Originally Published March 2000
These days, one doesn't need to look far to realize that there's trouble brewing in the molecular cauldron.
To be sure, there's plenty of good news on the technological front. For instance, Celera Genomics (Rockville, MD) predicts that it will complete the sequencing of the entire human genome later this year—more than two years ahead of the international, government-funded Human Genome Project. Nucleic acid analyzers that incorporate automated sample preparation modules have begun to appear on the market, thereby eliminating a major stumbling block to the acceptance of such testing by laboratorians. And FDA's Office of Device Evaluation appears to be gearing up for the scientific challenge of reviewing product submissions for molecular diagnostics by forming a new panel on molecular and clinical genetics.
Unfortunately, much of the good technological news in the field is being sullied by intellectual property and licensing disputes. For example, the inspector general's office of the U.S. Department of Health and Human Services is investigating whether federal funds were used in the 1980s to support invention of the automated DNA sequencer, a technology whose patent is held by the California Institute of Technology (Pasadena, CA) and licensed to PE Biosystems (Norwalk CT). If federal funds were used, government researchers would gain the right to use DNA sequencing technologies without paying royalties. Perhaps not so coincidentally, a primary beneficiary of PE's sequencer license is Celera Genomics, which is a PE subsidiary.
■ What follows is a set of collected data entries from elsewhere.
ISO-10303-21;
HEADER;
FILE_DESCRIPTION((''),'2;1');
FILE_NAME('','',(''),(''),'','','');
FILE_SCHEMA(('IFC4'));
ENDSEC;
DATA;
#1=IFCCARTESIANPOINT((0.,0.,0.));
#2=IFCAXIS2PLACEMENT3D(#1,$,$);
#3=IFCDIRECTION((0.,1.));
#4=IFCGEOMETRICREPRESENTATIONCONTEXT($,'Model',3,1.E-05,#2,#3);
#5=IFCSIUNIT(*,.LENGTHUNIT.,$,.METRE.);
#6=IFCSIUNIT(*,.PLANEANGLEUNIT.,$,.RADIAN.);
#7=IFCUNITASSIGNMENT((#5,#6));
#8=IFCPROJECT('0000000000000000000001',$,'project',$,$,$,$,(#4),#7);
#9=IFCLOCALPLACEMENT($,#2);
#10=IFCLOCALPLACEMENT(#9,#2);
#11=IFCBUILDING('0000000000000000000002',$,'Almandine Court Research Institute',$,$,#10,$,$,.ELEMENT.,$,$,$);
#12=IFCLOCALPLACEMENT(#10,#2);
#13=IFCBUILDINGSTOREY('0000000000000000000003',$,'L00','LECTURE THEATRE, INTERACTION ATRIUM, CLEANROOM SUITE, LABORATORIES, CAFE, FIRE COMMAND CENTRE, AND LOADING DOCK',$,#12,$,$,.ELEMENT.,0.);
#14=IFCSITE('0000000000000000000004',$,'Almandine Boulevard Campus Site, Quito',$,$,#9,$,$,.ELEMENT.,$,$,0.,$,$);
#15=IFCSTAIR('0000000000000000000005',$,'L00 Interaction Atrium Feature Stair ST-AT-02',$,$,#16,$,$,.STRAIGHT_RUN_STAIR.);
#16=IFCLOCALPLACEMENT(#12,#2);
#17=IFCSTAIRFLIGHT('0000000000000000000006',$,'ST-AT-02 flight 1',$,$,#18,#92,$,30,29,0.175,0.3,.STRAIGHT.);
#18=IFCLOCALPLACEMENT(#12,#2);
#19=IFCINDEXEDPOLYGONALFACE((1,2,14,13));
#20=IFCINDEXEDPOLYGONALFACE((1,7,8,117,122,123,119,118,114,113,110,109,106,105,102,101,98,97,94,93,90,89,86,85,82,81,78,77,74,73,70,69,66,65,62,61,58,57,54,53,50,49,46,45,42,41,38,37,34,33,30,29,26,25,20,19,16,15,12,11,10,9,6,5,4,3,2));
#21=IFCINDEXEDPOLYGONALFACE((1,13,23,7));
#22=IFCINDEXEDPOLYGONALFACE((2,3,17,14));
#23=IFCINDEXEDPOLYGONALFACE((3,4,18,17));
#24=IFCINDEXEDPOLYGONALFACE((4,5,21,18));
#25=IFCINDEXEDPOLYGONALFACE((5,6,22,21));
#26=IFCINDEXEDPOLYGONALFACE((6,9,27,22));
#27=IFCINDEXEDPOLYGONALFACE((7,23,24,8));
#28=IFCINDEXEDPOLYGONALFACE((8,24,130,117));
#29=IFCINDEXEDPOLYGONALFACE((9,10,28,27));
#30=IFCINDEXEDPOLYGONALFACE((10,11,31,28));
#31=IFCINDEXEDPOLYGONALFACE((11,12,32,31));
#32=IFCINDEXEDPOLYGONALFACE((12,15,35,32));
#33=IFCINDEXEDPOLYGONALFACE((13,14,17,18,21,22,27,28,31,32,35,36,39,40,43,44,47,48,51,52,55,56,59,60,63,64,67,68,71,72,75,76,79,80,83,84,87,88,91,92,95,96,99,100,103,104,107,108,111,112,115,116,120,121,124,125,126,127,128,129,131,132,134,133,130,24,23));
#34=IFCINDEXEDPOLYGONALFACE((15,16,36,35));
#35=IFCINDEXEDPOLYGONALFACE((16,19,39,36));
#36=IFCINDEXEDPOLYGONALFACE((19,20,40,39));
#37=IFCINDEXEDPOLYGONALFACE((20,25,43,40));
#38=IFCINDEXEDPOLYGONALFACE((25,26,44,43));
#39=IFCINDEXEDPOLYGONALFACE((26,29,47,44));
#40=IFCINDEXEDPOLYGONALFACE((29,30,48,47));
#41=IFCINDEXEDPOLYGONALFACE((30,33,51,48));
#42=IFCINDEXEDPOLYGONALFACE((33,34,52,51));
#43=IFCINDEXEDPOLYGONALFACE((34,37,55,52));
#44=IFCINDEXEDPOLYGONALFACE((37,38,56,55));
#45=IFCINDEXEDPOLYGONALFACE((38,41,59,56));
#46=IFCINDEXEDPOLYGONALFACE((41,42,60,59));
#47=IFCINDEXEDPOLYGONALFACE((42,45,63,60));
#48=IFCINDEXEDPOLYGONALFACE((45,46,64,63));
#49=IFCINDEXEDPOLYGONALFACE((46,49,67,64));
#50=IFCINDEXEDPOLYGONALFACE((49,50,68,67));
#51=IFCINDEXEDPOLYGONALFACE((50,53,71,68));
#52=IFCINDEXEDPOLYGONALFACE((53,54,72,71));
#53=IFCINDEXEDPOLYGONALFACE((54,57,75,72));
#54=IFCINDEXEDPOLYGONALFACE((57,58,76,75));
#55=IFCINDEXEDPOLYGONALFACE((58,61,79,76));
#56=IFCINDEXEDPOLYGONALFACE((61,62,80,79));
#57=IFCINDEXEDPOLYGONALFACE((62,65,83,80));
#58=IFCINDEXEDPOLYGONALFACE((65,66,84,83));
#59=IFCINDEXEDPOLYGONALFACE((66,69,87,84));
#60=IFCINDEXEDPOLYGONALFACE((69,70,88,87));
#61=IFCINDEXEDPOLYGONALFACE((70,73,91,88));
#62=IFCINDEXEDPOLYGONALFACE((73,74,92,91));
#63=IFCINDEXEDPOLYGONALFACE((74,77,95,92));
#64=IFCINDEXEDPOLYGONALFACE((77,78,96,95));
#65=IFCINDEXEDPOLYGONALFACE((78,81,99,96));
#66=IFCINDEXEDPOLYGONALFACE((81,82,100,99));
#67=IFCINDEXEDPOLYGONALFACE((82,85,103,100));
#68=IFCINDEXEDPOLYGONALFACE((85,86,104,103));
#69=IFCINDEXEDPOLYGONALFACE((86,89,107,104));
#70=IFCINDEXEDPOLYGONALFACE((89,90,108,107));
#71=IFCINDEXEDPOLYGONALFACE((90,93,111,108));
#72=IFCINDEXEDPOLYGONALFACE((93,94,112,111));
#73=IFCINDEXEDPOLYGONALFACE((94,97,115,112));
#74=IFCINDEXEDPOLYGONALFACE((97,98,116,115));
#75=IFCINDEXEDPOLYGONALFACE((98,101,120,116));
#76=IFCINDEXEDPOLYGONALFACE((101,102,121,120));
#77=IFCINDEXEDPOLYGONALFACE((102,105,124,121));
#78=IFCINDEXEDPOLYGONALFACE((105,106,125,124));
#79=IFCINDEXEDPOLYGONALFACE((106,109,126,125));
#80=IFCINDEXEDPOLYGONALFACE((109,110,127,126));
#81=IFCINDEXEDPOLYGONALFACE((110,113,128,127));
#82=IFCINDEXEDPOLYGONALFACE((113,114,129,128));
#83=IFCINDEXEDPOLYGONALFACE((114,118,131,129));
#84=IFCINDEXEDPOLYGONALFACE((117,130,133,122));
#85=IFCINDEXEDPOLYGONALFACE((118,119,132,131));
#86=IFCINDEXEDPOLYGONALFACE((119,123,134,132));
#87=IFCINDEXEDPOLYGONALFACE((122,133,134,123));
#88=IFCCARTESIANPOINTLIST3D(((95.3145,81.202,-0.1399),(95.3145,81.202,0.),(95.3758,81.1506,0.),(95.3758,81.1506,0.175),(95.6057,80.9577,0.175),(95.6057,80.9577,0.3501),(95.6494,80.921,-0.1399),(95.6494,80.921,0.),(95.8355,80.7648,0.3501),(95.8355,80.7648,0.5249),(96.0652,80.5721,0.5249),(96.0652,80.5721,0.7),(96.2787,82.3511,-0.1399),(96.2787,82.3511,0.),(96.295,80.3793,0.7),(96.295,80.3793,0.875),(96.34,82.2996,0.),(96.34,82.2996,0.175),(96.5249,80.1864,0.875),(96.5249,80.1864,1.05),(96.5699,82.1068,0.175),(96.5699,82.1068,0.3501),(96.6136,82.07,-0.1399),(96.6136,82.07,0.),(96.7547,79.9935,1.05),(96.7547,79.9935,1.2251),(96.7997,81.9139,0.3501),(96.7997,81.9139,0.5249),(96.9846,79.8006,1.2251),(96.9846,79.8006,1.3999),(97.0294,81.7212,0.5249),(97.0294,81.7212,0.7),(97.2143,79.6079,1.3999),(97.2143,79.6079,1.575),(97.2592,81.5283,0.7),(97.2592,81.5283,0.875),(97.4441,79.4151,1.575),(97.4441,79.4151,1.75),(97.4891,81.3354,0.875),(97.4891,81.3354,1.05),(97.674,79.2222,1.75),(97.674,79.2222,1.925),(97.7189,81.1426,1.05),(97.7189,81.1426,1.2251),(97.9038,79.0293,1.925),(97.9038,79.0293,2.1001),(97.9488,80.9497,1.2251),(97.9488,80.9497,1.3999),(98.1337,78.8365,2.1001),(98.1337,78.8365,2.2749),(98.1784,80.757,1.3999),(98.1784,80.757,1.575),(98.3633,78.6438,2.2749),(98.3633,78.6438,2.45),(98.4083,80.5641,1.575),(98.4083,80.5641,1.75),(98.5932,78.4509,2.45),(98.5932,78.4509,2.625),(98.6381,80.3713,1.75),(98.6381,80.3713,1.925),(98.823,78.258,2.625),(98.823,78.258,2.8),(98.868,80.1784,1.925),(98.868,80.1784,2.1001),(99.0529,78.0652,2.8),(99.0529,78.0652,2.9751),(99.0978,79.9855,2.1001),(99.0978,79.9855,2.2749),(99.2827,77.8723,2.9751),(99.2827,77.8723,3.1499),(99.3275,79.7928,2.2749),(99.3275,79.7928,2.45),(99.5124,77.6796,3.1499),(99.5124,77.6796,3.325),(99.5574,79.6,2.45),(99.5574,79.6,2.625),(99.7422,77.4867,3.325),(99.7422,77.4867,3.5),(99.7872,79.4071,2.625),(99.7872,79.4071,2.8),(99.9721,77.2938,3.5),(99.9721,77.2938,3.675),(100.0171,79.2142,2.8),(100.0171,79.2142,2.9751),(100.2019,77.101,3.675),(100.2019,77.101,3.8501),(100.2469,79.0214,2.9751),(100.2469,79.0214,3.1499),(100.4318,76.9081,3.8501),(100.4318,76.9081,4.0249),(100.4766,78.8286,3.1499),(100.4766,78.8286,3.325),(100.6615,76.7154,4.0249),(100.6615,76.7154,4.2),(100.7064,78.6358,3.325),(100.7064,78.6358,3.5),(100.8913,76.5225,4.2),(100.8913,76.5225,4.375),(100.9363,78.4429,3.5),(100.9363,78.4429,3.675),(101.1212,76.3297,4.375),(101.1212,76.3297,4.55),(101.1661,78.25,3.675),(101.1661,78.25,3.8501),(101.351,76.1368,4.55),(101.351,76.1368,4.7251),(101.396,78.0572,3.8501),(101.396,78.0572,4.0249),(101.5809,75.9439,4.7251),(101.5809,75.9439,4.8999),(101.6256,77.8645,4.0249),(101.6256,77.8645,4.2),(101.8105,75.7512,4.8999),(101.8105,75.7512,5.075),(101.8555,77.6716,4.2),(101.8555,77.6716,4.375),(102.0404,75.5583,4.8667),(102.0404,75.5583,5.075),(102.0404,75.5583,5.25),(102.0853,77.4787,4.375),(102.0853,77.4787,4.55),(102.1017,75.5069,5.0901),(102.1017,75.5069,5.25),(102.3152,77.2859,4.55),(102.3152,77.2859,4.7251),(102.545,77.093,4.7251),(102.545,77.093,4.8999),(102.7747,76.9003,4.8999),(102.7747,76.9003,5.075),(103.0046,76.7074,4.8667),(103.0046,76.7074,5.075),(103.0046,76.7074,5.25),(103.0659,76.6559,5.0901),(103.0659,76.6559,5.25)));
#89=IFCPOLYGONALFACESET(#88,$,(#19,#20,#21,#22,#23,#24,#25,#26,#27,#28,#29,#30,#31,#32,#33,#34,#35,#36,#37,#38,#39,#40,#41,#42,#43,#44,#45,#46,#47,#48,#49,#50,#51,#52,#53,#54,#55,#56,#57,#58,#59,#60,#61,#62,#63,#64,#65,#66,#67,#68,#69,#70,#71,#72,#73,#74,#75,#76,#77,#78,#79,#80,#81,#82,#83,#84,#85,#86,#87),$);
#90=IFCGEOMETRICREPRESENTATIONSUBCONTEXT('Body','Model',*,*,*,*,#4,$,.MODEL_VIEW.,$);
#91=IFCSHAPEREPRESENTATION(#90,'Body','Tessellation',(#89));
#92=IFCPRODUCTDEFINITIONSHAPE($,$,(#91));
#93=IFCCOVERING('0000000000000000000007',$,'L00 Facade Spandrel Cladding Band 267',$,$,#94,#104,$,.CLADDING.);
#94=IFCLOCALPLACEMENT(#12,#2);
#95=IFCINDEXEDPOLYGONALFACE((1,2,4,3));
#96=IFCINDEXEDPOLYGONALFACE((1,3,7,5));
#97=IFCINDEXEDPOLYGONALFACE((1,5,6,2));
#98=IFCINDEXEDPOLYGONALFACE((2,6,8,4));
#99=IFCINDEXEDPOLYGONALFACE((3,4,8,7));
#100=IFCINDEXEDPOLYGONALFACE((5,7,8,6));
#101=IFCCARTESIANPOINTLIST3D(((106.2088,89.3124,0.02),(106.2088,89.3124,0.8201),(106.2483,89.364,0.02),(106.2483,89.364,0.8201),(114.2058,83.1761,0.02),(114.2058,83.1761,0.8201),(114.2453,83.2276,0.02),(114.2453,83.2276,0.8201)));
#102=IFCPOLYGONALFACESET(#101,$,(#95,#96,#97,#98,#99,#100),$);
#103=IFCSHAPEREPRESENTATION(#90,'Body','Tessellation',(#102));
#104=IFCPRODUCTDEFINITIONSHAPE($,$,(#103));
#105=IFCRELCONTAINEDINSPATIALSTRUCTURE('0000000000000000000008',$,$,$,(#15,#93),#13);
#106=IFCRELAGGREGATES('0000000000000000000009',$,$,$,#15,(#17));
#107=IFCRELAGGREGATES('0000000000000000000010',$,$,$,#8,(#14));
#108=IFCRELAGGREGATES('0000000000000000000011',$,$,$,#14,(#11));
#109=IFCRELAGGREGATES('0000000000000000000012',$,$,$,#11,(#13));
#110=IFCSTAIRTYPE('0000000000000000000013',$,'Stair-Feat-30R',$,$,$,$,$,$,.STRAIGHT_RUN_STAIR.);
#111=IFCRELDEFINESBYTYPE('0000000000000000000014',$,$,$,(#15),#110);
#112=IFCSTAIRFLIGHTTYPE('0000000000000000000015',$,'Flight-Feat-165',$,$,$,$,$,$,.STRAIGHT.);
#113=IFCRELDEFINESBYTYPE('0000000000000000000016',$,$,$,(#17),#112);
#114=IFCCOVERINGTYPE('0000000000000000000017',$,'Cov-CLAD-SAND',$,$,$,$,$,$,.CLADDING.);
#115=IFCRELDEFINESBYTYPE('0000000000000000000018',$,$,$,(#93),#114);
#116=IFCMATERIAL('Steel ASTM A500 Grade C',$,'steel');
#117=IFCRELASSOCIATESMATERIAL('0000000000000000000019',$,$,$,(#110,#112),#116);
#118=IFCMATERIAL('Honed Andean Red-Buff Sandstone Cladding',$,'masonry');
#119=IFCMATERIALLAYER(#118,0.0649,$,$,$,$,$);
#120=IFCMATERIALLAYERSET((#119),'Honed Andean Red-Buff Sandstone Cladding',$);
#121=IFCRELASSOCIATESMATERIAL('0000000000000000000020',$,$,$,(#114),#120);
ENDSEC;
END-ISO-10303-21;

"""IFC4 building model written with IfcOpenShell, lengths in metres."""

from ifc_helpers import new_model, si_unit, direction, frame, origin, origin_2d, place, context, subcontext, project, spatial, polyline, rectangle, outline, extrude, material, layer, layer_set, type_object, element, aggregate, save


model = new_model("IFC4")

# Units and contexts
model_context = context("Model", 3, precision=1e-05, world=origin(), true_north=direction((0.0, 1.0)))
body_context = subcontext(model_context, "Body", "Model", "MODEL_VIEW")
ifc_project = project(units=[si_unit("LENGTHUNIT", "METRE"), si_unit("PLANEANGLEUNIT", "RADIAN")], contexts=[model_context])

# Site, building, storey
site_placement = place(None, origin())
site = spatial("IfcSite", under=ifc_project, at=site_placement, Name="Almandine Boulevard Campus Site, Quito", CompositionType="ELEMENT", RefElevation=0.0)
building_placement = place(site_placement, origin())
building = spatial("IfcBuilding", under=site, at=building_placement, Name="Almandine Court Research Institute", CompositionType="ELEMENT")
storey_placement = place(building_placement, origin())
storey = spatial("IfcBuildingStorey", under=building, at=storey_placement, Name="L00", Description="LECTURE THEATRE, INTERACTION ATRIUM, CLEANROOM SUITE, LABORATORIES, CAFE, FIRE COMMAND CENTRE, AND LOADING DOCK", CompositionType="ELEMENT", Elevation=0.0)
Celera is also at the center of a controversy over patent rights for human genome sequencing discoveries. At last November's AACC San Diego Conference, Celera president and CSO Craig Venter assured attendees that the company had no interest in asserting exclusive ownership rights that would enable it to capitalize on its discoveries. But since then Celera has filed thousands of provisional patents on its genetic discoveries, leading industry analysts to speculate about the availability of the sequences for future medical research.
In response, the Association for Molecular Pathology (AMP) is leading a charge "to define in-house molecular diagnostic tests as medical procedures rather than devices, so that qualified practitioners and patients should not be barred from their use by exclusive licenses or unreasonable sublicensing fees."
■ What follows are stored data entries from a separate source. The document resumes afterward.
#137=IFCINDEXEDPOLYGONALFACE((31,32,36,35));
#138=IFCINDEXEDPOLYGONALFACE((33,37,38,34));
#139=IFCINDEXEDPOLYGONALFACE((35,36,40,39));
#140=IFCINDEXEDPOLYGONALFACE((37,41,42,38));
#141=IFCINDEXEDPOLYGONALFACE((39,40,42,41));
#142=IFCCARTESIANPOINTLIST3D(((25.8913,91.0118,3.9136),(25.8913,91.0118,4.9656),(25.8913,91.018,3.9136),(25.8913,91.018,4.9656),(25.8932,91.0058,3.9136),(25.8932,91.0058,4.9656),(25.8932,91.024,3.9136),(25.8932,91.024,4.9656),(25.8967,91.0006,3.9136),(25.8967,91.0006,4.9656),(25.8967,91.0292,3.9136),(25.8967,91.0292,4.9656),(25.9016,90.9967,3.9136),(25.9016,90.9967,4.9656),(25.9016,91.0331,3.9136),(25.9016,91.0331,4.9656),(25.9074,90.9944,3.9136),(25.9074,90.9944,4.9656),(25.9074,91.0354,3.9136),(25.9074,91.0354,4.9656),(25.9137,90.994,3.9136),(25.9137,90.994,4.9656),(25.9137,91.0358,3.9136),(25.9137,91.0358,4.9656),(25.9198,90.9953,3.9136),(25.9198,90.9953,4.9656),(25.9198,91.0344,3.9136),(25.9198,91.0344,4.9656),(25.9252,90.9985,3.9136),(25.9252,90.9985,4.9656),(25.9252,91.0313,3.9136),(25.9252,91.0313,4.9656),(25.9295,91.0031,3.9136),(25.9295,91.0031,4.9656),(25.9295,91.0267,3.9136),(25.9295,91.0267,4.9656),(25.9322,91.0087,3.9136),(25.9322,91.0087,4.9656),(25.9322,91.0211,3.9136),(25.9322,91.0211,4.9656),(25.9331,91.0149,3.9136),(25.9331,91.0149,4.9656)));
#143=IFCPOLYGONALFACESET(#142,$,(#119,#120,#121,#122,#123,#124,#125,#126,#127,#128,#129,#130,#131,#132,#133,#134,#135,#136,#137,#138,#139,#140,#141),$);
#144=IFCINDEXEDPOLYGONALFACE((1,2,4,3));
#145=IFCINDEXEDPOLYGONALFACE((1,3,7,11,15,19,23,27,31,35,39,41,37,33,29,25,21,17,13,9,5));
It would not be surprising if the developers of automated molecular diagnostic systems found AMP's recommendations slightly disconcerting. As described in the association's February newsletter, the AMP approach would lower the regulatory bar for in-house tests, but would do nothing to reduce the regulatory burdens or licensing costs incurred in the development of advanced molecular diagnostic devices.
In the context of an industry that is already showing a predilection toward combative patent disputes, such issues are matters for considerable concern. Left unresolved, they could have a chilling effect on the future development of commercial technologies for molecular diagnostics.
At present, amidst the din of courtroom squabbling, it is difficult to detect a unified industry viewpoint on these issues. If manufacturers intend to be heard, they may need to set aside proprietary interests and, for a time, consider what is best for the advancement of the field.